So, hopefully, the next time I am confronted with a new, unique, uncomfortable situation I will respond more positively. I will hope that I embrace the change I see and make something positive out of what could affect me in a negative way.

What do you think?

How do you respond to unanticipated changes in your life? For those of you in health care, can you see parallels to how we respond when our patients "dont read the book?" What about when treatment fails, or the patient does not have the disease we thought we were diagnosing?

Leave a comment below and let's have a discussion.




Recent Comments

Dr. Alice. the change comes when we really aren't in control. The reflection lets us know that, yes! we have been in the changing rooms again. Been reflecting more myself. I see that what I need to be, is more important than what I want to be. But, we all know that right?

Thanks Billy. Truth is hard. Truth is liberating. Truth is all there is, in the end. I appreciate you stopping by, and greatly appreciate your comment. 

This was an incredibly important reminder to get back into the habit of doing something we were trained to do in Business School -- and do it on a regular basis. Even though I didn't realize it until I read this blogpost, I've been thinking a lot in the past few about the importance of reflecting -- professionally and personally -- as means of looking at problematic matters at home (for instance living with a teenager who is getting less than stellar grades simply because he won't turn in his daily homework -- had I "checked it" more regularly, might he have better habits or academic discipline?) or something at work that troubles me to the point of boiling over (stewing is a waste of time, Scott -- think of what you could have gotten done if you'd just accepted the reality of the situation instead of trying to rationalize what is "wrong" about it).

By incorporating reflection into my routine, I come to recognize that I have control of much more than I realize.
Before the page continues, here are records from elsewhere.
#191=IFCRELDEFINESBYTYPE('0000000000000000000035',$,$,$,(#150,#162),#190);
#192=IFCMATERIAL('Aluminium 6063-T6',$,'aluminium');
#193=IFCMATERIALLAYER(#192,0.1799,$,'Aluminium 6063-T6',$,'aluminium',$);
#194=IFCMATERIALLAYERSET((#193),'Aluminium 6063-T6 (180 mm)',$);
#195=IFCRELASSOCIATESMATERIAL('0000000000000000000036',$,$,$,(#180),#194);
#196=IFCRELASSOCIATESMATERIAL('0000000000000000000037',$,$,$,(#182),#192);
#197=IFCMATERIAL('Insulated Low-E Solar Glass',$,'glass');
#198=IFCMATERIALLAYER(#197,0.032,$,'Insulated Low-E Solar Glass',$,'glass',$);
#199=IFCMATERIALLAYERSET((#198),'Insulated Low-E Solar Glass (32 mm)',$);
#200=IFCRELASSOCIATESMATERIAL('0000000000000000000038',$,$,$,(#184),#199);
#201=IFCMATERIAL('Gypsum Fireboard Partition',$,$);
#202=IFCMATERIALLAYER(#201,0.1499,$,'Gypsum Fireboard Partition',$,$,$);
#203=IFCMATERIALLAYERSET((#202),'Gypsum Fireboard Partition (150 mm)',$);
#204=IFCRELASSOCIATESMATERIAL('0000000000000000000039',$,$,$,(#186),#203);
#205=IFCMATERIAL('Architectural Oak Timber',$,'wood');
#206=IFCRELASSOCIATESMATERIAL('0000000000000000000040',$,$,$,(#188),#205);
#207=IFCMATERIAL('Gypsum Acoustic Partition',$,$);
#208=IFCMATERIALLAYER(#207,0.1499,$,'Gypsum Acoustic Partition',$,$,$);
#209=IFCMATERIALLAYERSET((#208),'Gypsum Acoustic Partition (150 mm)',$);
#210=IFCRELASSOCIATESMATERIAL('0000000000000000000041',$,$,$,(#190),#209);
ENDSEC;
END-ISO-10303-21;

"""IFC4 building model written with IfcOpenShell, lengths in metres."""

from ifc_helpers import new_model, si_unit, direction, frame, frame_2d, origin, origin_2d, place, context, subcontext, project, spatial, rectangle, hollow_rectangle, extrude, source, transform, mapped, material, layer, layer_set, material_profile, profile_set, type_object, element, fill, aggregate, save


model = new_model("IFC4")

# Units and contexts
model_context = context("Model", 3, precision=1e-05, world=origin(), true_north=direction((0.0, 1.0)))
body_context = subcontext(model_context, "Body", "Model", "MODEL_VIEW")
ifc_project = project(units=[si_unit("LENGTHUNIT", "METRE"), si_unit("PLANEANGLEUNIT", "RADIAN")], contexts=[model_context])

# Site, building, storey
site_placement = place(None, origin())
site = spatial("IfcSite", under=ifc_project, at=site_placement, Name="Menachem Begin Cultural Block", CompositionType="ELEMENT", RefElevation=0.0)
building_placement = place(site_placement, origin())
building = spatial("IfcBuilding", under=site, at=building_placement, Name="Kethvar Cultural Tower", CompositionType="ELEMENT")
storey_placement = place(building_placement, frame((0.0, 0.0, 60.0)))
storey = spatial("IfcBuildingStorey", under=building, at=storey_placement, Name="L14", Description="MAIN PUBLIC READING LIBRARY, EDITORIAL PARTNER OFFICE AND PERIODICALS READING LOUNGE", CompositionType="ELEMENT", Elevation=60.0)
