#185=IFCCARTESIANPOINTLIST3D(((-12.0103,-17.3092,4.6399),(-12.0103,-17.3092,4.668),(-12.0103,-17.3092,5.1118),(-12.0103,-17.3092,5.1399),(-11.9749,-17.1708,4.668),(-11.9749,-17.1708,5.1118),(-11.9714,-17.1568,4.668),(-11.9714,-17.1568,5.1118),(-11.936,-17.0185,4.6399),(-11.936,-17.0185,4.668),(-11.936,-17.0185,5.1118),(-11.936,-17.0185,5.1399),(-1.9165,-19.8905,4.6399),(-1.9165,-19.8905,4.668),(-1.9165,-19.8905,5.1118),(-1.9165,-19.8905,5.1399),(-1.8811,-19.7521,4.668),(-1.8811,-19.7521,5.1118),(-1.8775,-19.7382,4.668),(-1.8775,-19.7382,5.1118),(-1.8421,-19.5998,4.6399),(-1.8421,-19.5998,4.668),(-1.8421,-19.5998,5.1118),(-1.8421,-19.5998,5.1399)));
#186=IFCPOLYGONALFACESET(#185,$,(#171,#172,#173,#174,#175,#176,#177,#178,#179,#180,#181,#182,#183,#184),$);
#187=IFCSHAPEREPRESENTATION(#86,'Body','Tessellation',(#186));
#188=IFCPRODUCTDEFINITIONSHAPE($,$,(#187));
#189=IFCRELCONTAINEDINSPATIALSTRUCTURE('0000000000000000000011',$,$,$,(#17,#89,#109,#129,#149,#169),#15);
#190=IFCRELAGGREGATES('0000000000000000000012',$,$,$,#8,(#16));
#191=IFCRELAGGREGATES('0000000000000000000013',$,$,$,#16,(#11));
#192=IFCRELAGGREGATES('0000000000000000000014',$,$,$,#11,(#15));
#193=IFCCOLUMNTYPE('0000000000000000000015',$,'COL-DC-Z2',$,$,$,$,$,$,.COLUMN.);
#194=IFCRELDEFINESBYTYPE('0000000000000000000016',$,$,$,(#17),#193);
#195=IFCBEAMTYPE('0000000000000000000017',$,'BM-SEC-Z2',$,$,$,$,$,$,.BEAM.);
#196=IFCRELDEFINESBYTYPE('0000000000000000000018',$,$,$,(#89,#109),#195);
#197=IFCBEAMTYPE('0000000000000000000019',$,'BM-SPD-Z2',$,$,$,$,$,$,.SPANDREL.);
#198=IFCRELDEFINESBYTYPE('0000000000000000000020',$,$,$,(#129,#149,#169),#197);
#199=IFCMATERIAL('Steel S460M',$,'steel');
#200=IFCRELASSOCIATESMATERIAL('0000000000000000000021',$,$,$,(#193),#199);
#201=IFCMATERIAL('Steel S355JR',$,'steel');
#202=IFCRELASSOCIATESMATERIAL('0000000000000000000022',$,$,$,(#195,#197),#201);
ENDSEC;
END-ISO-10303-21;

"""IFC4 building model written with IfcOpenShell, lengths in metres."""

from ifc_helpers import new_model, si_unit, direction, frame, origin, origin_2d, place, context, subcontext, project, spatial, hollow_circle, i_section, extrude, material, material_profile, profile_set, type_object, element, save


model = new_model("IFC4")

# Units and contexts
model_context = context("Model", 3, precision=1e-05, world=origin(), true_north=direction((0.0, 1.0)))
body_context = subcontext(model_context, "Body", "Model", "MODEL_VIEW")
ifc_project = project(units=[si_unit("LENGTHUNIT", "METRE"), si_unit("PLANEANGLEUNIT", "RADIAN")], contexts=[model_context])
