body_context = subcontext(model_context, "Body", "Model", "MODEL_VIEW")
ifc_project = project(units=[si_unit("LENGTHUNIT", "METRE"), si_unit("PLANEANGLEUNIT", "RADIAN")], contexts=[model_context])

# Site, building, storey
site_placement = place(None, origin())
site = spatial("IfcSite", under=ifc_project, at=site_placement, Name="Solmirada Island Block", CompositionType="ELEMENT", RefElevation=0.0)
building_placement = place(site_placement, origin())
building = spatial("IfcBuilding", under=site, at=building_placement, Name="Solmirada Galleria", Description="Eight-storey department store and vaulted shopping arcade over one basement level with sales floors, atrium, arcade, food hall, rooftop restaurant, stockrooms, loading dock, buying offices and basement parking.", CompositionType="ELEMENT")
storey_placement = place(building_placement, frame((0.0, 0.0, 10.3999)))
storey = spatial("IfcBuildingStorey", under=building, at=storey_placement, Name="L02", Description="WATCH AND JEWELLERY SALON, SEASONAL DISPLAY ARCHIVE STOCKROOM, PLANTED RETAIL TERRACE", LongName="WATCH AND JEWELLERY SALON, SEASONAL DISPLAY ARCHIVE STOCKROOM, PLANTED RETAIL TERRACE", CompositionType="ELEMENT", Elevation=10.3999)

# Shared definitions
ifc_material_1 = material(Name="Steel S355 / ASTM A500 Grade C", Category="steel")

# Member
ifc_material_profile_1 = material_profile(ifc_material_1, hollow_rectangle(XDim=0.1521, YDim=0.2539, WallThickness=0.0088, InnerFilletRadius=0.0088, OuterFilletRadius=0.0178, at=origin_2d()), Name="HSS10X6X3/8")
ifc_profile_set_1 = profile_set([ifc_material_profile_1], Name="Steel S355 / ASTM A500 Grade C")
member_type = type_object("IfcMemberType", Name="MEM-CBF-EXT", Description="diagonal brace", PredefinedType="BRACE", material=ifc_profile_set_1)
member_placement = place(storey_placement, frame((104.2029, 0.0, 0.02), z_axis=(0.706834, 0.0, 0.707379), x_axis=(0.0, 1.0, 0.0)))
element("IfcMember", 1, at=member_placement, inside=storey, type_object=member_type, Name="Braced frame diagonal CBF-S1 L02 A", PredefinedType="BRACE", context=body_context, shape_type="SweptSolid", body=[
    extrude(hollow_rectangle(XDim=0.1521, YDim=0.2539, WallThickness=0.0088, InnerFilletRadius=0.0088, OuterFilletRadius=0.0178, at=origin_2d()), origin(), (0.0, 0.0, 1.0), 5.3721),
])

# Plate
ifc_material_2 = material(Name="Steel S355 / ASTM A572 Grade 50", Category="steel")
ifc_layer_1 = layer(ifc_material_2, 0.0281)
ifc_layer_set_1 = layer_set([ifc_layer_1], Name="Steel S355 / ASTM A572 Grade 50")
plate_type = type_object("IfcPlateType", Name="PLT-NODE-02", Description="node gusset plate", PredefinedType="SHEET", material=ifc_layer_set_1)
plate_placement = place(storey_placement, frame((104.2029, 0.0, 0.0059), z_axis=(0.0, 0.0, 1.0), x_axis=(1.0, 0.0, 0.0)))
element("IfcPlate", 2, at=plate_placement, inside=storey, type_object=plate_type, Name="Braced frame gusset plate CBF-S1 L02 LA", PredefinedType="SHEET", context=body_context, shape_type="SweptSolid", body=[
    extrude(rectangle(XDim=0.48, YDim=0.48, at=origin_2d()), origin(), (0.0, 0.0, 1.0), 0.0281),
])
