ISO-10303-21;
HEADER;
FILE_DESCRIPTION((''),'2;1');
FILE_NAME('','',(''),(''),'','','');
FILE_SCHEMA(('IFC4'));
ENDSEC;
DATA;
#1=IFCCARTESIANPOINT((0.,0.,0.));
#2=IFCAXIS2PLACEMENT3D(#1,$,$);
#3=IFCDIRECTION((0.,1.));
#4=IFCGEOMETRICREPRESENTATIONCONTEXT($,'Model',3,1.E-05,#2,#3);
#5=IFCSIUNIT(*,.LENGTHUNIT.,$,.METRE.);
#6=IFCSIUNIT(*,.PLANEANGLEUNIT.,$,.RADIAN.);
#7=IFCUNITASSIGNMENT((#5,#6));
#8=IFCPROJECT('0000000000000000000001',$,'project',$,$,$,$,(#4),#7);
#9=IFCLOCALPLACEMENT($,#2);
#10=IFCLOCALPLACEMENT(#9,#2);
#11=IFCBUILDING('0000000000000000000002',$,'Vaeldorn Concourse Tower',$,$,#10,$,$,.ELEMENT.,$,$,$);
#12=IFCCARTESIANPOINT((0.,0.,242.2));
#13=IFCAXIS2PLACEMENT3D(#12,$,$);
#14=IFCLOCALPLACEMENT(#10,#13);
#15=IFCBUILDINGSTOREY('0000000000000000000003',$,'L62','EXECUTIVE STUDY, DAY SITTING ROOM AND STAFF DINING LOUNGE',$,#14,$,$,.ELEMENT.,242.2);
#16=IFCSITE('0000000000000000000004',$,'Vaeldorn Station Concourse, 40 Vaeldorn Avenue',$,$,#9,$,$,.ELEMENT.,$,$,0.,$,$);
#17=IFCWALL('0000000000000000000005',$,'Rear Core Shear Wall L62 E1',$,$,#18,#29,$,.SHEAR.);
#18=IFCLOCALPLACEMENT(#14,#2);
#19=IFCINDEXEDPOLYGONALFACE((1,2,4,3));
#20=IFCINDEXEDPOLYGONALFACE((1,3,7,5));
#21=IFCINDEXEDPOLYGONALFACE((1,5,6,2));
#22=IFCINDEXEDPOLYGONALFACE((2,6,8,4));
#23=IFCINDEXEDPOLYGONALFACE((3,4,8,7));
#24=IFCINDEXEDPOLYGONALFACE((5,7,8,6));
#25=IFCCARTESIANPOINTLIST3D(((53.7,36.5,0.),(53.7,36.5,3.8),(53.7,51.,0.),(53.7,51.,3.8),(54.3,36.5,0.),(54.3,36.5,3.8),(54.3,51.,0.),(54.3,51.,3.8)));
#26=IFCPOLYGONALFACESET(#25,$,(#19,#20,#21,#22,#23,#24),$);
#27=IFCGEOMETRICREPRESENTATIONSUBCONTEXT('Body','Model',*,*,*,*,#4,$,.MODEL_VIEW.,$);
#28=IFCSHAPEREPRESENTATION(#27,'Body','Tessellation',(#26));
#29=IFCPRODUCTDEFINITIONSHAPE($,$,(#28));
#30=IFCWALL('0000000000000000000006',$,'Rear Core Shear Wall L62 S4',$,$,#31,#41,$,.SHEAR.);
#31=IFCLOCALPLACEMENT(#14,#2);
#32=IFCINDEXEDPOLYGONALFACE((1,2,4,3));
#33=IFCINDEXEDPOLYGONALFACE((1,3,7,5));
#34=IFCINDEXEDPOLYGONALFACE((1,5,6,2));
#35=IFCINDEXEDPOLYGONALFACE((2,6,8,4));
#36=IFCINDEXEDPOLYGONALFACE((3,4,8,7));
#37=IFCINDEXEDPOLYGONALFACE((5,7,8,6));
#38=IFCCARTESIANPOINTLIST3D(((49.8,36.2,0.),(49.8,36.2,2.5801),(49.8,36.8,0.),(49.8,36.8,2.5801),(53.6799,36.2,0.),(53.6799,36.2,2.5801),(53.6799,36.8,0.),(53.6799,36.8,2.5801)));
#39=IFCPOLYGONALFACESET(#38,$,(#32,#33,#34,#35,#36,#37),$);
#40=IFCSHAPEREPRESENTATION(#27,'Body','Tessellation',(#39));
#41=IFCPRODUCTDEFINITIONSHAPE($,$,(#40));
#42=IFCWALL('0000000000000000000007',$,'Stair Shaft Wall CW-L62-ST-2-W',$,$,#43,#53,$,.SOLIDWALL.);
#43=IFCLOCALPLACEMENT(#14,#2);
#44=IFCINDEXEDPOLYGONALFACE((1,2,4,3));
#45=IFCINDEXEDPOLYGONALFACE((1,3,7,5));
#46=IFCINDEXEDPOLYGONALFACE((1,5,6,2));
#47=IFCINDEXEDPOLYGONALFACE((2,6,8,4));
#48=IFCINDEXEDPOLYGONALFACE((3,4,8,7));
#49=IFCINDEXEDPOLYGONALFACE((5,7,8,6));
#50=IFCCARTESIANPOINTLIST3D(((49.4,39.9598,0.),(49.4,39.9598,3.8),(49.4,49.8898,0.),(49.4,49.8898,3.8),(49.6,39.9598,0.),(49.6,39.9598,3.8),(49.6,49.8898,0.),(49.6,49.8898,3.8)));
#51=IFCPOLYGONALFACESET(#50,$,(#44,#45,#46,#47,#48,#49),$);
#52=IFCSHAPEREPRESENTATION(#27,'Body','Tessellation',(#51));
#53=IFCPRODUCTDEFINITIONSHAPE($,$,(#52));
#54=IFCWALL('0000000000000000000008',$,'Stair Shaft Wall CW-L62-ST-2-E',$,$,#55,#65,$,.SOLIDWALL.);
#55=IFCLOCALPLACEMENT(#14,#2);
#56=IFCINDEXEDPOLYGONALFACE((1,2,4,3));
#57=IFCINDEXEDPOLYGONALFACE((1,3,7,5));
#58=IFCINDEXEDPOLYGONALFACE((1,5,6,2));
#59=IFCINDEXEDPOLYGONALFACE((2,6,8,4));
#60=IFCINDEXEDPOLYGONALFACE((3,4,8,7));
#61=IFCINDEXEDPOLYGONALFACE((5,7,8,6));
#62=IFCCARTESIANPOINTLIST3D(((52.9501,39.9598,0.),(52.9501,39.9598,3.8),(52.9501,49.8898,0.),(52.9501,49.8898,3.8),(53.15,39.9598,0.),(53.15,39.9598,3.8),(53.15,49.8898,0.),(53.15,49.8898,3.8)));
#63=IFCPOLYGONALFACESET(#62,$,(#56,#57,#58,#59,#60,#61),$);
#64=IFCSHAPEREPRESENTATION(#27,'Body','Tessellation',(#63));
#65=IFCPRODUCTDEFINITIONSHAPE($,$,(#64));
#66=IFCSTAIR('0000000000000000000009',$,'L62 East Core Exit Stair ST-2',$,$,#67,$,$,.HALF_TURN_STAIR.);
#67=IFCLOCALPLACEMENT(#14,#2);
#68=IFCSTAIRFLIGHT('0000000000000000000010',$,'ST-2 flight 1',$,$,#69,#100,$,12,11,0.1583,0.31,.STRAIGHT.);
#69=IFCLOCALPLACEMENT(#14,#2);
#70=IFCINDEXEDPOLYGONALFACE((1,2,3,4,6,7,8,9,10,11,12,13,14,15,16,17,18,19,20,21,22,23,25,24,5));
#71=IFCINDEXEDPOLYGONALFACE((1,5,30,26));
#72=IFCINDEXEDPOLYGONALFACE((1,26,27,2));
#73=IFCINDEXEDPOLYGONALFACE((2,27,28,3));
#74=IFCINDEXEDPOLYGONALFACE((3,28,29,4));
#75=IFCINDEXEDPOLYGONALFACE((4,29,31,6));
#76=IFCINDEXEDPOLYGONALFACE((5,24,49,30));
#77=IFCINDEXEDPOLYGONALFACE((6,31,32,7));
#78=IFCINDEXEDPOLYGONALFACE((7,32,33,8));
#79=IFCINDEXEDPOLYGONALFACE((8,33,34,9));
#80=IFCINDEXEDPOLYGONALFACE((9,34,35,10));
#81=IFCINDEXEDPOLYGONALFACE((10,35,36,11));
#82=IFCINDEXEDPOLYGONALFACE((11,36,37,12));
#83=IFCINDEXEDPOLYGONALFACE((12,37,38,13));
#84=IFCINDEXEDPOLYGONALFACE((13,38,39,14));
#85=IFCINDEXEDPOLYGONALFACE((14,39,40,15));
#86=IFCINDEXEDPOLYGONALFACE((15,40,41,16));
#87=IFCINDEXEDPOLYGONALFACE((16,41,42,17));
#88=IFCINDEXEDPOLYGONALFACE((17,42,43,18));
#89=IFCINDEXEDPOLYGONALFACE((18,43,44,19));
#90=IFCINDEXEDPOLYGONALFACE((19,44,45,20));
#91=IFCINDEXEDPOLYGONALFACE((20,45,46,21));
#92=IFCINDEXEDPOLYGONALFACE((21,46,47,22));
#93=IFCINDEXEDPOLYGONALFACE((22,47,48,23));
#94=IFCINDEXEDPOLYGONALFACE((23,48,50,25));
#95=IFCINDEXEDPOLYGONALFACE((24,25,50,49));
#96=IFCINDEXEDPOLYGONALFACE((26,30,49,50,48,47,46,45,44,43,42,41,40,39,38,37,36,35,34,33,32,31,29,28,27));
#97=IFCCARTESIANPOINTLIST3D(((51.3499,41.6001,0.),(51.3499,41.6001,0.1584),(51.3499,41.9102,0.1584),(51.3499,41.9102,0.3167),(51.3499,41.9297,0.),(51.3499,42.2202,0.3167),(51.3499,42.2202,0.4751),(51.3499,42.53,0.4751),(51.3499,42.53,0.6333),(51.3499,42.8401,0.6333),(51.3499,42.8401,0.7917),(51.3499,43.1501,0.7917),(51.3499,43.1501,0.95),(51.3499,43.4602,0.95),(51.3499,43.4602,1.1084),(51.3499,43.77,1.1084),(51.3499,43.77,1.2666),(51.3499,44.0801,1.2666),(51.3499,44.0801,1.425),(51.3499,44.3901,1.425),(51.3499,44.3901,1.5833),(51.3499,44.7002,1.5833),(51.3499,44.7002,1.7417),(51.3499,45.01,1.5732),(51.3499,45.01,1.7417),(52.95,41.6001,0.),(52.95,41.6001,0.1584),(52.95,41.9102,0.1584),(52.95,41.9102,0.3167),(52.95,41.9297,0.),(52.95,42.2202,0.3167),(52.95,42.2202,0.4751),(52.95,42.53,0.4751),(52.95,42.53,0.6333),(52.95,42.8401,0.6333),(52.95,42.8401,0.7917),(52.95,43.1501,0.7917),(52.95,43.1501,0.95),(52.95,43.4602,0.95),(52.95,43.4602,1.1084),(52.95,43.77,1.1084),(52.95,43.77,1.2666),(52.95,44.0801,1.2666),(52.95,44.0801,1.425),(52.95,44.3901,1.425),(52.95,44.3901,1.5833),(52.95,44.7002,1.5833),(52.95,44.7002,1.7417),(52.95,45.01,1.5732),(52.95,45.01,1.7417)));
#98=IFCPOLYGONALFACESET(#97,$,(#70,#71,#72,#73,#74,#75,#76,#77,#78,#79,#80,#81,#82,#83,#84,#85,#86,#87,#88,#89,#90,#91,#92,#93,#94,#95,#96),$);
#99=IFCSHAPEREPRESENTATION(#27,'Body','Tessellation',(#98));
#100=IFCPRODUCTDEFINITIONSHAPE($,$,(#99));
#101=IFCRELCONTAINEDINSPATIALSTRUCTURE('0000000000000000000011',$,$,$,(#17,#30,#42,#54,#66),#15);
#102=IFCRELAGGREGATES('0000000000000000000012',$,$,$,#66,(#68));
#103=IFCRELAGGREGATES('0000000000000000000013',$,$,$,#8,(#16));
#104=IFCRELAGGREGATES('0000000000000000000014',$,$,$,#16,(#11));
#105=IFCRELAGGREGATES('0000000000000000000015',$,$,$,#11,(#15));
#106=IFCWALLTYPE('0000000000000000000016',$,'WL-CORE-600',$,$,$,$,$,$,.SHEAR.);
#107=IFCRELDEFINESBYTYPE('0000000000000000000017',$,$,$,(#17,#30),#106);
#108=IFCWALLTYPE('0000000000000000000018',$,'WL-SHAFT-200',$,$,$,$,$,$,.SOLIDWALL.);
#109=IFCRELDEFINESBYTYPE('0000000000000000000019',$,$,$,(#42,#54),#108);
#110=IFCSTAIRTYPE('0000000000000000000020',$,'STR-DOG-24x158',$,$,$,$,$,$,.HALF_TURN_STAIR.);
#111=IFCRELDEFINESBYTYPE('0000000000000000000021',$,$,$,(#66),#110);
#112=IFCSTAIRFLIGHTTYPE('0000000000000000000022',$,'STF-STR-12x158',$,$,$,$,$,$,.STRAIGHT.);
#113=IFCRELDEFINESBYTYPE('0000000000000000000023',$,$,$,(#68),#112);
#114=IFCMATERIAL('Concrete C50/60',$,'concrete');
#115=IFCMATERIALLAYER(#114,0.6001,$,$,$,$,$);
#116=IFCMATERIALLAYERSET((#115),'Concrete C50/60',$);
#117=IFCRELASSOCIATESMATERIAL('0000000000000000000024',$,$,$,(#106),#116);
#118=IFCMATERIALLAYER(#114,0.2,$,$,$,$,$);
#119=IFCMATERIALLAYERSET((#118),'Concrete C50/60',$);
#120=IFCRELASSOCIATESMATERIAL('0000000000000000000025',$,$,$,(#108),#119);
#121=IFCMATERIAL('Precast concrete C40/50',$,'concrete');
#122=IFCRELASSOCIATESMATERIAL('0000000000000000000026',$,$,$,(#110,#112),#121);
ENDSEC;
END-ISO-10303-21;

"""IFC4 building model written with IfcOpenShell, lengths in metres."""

from ifc_helpers import new_model, si_unit, direction, frame, frame_2d, origin, place, context, subcontext, project, spatial, polyline, rectangle, outline, extrude, material, layer, layer_set, type_object, element, aggregate, save


model = new_model("IFC4")

# Units and contexts
model_context = context("Model", 3, precision=1e-05, world=origin(), true_north=direction((0.0, 1.0)))
body_context = subcontext(model_context, "Body", "Model", "MODEL_VIEW")
ifc_project = project(units=[si_unit("LENGTHUNIT", "METRE"), si_unit("PLANEANGLEUNIT", "RADIAN")], contexts=[model_context])

# Site, building, storey
site_placement = place(None, origin())
site = spatial("IfcSite", under=ifc_project, at=site_placement, Name="Vaeldorn Station Concourse, 40 Vaeldorn Avenue", CompositionType="ELEMENT", RefElevation=0.0)
building_placement = place(site_placement, origin())
building = spatial("IfcBuilding", under=site, at=building_placement, Name="Vaeldorn Concourse Tower", CompositionType="ELEMENT")
storey_placement = place(building_placement, frame((0.0, 0.0, 242.2)))
storey = spatial("IfcBuildingStorey", under=building, at=storey_placement, Name="L62", Description="EXECUTIVE STUDY, DAY SITTING ROOM AND STAFF DINING LOUNGE", CompositionType="ELEMENT", Elevation=242.2)

# Shared definitions
ifc_material_1 = material(Name="Concrete C50/60", Category="concrete")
And that realization has happened twice in the past four days. Very timely article for me, Dr. Ackerman. Thank you!

Scott, this series of posts on reflecting has been part of my explanation of how I am working with my residents on learning and internalizing professionalism. It is the way that I am trying to grapple with the need to demonstrate to the pediatric Residency Review Committee that we can measure not only outward professional behavior but also how much they have internalized the precepts of professionalism. It is helping me at least as much as it is helping them. You are right; we need to continue to do this our whole lives.

For doctors, for most of mankind, we are taught that we should embrace life-long learning. Yet for that learning to be most useful it should be based on reflection, and we should change because of what we have learned. 

I am so glad that you stopped by, Scott. Thanks for contributing such an insightful comment.

Change = more work

You're a busy gal, so it's not surprising that you wouldn't love change when you're busy. I still think you're great and appreciate the introspection.

Keep at it. The new blog format looks great.


Oh Aaron, look who's telling me I am busy. The 8PM Warrior himself! Thanks for stopping by, and thanks for your words of encouragement. I have not been very prolific recently, but hoping to change that. Time to stop using the "I am too busy" excuse, right? It helps so much to know folks are reading and taking the time to comment. Thanks again.

Oh and congrats on the new addition!!

love the new look/format! although the change may have felt like a chore at the time, the end result was so worth it & certainly a labor of love.... Looking foward to the next one DD

Donna, I am so glad that you like it! Next one coming soon. I do aim for weekly, I would love to post daily but lucky if I get them in monthly. Getting comments and knowing someone is reading, and maybe even waiting for another post, helps to encourage me to be more productive.

Thanks for the comment.

I'm curious what you do when (not if!) you detach from the BUSY/ever changing! fray periodically? What helps you return to center?

Sally, right now I return to center when (not if) I go to Boston to connect with my grandchildren. They keep me centered. If not, I fall over when they jump on me! Actually, I am headed there tomorrow (Saturday) for the weekend. Taking photos is the other way I unwind. Taking photos of the grandkids and turning them into photo books is my favorite hobby.

Thanks for stopping by and for leaving a comment.

Your one statement, "I don't like change unless I am in charge of it" realy hit home. It is sooo true. Gives me more perspective on the projects I am doing to bring about change. Thanks.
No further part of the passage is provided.